だんだん慣れてきたのか、器用に動き回るようになる彼女の舌。なんの偶然か、盾子ちゃんにされた時のような順序で余すことなく愛される。けれど、先程も言ったように盾子ちゃんの比ではなく、舞園さんにされているという付加価値がより私をおかしくさせた。どれだけ舞園さんのことが好きなんだ、私。
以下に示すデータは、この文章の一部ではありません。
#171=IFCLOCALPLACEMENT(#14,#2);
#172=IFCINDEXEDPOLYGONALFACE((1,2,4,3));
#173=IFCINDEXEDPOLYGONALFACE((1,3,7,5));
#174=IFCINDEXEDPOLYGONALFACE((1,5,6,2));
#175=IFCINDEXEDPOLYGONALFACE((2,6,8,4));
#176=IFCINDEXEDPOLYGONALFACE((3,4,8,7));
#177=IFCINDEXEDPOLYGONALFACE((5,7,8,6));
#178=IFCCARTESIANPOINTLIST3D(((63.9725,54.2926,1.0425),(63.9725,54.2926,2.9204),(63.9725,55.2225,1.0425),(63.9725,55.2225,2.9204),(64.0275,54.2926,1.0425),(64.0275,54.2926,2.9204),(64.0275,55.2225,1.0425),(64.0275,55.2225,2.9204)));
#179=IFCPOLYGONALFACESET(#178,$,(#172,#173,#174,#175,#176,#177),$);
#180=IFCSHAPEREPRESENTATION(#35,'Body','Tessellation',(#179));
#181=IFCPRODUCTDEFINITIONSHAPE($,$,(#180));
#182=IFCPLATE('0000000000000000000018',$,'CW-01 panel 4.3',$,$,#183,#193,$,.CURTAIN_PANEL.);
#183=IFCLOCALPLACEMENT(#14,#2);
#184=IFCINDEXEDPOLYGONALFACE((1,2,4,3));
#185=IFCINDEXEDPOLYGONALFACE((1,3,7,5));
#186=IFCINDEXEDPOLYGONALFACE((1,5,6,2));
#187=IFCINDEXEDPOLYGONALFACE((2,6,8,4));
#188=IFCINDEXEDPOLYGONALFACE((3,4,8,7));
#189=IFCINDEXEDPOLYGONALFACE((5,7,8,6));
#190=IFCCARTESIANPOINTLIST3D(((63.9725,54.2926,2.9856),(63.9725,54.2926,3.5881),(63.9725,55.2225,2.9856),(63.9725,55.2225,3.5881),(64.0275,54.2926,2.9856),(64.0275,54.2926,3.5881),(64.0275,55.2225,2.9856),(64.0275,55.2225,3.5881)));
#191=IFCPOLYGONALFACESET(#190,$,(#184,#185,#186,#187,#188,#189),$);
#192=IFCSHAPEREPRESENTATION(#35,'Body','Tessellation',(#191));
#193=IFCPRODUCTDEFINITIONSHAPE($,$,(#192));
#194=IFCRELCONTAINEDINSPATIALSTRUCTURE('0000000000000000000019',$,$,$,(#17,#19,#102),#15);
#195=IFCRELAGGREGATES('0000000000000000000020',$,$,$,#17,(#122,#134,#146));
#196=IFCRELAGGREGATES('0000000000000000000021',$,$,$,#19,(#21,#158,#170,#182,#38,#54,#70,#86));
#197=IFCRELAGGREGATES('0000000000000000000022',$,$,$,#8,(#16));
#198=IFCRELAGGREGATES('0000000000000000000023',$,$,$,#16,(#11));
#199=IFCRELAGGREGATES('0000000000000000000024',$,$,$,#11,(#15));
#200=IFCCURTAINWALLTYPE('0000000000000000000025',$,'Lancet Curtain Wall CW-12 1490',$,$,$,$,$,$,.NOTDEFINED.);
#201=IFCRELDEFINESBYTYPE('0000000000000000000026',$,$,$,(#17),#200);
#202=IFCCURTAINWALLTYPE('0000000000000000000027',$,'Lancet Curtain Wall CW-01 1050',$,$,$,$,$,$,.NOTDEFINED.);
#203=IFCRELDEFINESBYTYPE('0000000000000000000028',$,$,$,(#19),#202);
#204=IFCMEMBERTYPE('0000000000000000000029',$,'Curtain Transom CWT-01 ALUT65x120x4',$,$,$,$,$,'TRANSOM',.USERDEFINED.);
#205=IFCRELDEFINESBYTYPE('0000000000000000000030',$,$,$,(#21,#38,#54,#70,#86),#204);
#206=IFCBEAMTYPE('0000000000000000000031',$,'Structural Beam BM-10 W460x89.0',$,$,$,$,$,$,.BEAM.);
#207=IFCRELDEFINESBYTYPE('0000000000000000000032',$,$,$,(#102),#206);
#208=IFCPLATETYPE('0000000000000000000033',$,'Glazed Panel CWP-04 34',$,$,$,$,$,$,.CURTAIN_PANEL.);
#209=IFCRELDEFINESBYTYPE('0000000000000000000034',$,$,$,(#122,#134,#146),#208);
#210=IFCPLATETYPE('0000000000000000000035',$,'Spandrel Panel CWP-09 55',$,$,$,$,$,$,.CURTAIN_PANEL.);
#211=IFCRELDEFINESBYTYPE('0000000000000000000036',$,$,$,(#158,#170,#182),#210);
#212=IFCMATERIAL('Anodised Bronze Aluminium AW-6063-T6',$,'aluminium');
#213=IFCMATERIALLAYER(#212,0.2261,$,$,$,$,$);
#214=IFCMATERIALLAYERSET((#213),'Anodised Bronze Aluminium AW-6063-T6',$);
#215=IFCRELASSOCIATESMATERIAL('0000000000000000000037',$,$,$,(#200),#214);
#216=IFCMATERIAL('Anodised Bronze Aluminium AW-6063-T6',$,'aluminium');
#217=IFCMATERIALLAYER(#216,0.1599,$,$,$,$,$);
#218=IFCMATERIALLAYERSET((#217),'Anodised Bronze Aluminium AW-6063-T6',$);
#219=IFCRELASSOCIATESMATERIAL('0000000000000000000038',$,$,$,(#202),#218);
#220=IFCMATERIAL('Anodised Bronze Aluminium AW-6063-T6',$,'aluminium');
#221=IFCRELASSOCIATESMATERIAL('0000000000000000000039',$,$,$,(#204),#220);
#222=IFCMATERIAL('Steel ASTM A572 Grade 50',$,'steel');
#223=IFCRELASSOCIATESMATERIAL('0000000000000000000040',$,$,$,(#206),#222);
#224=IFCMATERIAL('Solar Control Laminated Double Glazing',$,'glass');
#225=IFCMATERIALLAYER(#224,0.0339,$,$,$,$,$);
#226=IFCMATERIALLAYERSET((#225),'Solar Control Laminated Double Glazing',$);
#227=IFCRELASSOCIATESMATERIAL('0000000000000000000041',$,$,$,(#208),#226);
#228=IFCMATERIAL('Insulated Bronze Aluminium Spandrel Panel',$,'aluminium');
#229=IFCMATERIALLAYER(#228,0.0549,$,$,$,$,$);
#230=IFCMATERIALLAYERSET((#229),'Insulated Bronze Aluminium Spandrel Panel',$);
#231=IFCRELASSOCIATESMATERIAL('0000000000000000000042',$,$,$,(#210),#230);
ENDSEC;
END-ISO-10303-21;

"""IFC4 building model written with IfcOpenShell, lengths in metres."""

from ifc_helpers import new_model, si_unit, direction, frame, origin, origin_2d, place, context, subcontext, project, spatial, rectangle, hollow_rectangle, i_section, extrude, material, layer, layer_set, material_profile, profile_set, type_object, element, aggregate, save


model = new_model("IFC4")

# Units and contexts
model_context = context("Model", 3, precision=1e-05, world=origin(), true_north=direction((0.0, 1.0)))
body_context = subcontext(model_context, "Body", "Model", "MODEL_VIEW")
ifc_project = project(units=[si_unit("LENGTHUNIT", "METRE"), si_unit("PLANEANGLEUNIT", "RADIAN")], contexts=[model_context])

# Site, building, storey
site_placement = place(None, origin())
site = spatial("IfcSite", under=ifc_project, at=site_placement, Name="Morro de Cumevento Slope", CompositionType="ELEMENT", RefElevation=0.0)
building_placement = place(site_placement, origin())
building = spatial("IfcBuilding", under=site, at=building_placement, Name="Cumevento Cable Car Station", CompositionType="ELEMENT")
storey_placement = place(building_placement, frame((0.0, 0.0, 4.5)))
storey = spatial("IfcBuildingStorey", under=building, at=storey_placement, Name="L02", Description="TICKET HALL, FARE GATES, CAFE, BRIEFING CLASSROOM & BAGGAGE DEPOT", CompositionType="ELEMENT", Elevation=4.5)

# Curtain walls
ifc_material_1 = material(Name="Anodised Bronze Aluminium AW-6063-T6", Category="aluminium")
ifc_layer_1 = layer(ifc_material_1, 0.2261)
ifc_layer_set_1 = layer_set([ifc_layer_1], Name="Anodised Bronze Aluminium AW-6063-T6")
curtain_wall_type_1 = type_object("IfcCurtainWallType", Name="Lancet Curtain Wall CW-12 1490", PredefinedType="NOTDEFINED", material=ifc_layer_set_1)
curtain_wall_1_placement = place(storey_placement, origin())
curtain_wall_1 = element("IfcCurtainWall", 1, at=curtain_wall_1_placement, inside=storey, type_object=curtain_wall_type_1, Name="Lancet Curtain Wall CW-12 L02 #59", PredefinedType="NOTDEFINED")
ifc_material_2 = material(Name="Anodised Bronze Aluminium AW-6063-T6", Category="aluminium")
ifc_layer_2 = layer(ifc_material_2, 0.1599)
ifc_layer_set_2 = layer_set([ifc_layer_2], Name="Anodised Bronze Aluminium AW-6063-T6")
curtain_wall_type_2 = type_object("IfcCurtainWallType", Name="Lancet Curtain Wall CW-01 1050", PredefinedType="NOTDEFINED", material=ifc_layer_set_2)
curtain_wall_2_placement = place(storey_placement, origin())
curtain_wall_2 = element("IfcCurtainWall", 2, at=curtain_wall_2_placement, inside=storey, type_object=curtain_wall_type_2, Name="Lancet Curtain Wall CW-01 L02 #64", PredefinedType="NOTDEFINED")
全ての指を味わい尽くされると、再び顔に唇が降ってくる。今度は腕が縫い付けられているからか、圧迫感のあるキスで舞園さんの必死さが伝わってくる。そして、それを何度か繰り返すと満足したのか身体をきつく抱きしめられた。


16/9/2






嫌われるとでも思っているのだろうか「七緒ちゃんごめんなさい」という舞園さんの声は震えていた。私が舞園さんを思う気持ちが、こんなことで嫌いになれるほどの安い愛情ではないなんて思いもしないのだろう。付き合い始めて結構な時間が経つのに、彼女は私のこととなるととても弱かった。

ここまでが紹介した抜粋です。